Matt Smith, fire chief for Crook County Fire and Rescue (CCFR), said the mandate has had an impact on staffing, but full extent of the impact is still unknown.

"The mandate affects health workers. Those workers are anyone who provides any type of patient care, including talking with patients," Smith said, "so it's not just our licensed health care providers, it is all of our responders."

Smith said that most of the attrition so far has been felt in CCFR's resident volunteer program, since the mandate applies not only to employees but volunteers and interns.

"That has had an immediate effect," he said. "I am hopeful that we will be able to retain all of our career employees."

The problem is exacerbated by the fact that other fire departments throughout Oregon are dealing with the same challenges, which makes mutual aid difficult to find.

"Right now, we are figuring out how much that (staff loss impact) is and how we are going to mitigate it," Smith said. "The fire service and EMS is one that deals with what they have, so that is exactly what we are going to do."

The Crook County Sheriff's Office (CCSO) raised concerns last month about the mandate and an anticipated impact to its jail staff. The state mandate did not apply to the staff of state prisons but did appear applicable to city or county jail staff.

Because as many as 17 CCSO personnel had said they would consider voluntarily terminating their service with the county instead of getting vaccinated, the Crook County Court sent a declaration of emergency to the State of Oregon seeking a rule change that would exempt county jail staff from the mandate. It appears the rules have since been changed.

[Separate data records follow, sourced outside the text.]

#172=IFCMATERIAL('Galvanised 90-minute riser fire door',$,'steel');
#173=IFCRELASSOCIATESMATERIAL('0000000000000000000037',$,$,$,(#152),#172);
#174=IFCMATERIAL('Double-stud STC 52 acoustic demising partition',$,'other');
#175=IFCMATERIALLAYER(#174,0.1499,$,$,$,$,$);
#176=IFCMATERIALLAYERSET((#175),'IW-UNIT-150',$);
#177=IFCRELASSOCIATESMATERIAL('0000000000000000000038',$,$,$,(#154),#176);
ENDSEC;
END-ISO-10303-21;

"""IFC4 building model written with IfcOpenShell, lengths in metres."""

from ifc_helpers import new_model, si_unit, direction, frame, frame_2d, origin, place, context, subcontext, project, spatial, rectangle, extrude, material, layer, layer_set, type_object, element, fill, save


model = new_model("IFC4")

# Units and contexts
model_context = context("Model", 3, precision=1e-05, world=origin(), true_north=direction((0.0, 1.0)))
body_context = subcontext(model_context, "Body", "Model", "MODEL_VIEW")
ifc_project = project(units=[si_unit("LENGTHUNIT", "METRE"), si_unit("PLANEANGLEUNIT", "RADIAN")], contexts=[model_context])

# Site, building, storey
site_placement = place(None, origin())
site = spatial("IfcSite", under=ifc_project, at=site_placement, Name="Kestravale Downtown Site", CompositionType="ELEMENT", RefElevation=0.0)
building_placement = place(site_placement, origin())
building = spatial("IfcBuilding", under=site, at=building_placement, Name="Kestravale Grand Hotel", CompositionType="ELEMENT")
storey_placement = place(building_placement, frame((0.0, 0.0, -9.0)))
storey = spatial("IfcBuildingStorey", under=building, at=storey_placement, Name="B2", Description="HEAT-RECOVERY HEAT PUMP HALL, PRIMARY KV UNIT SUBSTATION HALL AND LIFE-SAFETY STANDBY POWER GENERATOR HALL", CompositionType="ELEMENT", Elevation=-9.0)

"Since the OHA (Oregon Health Authority) changed the guidelines affecting jails, I don't expect any impact from the deadline," said Sheriff John Gautney. "The new guidelines from OHA exempted corrections deputies unless they are directly assigned to a health care setting."

School staff and volunteers join health care workers on the list of groups affected by the state mandate. Crook County School District Superintendent Dr. Sara Johnson said they have recently worked during the past month to ascertain every employee's intention. So far, the results appear promising.

"We are down to having only eight employees who have not yet attested one of the three pathways, so we are good to go on the 18th," she said. "We have posted and hired for anyone who has notified us they will not be filing an exception or attained a vaccine."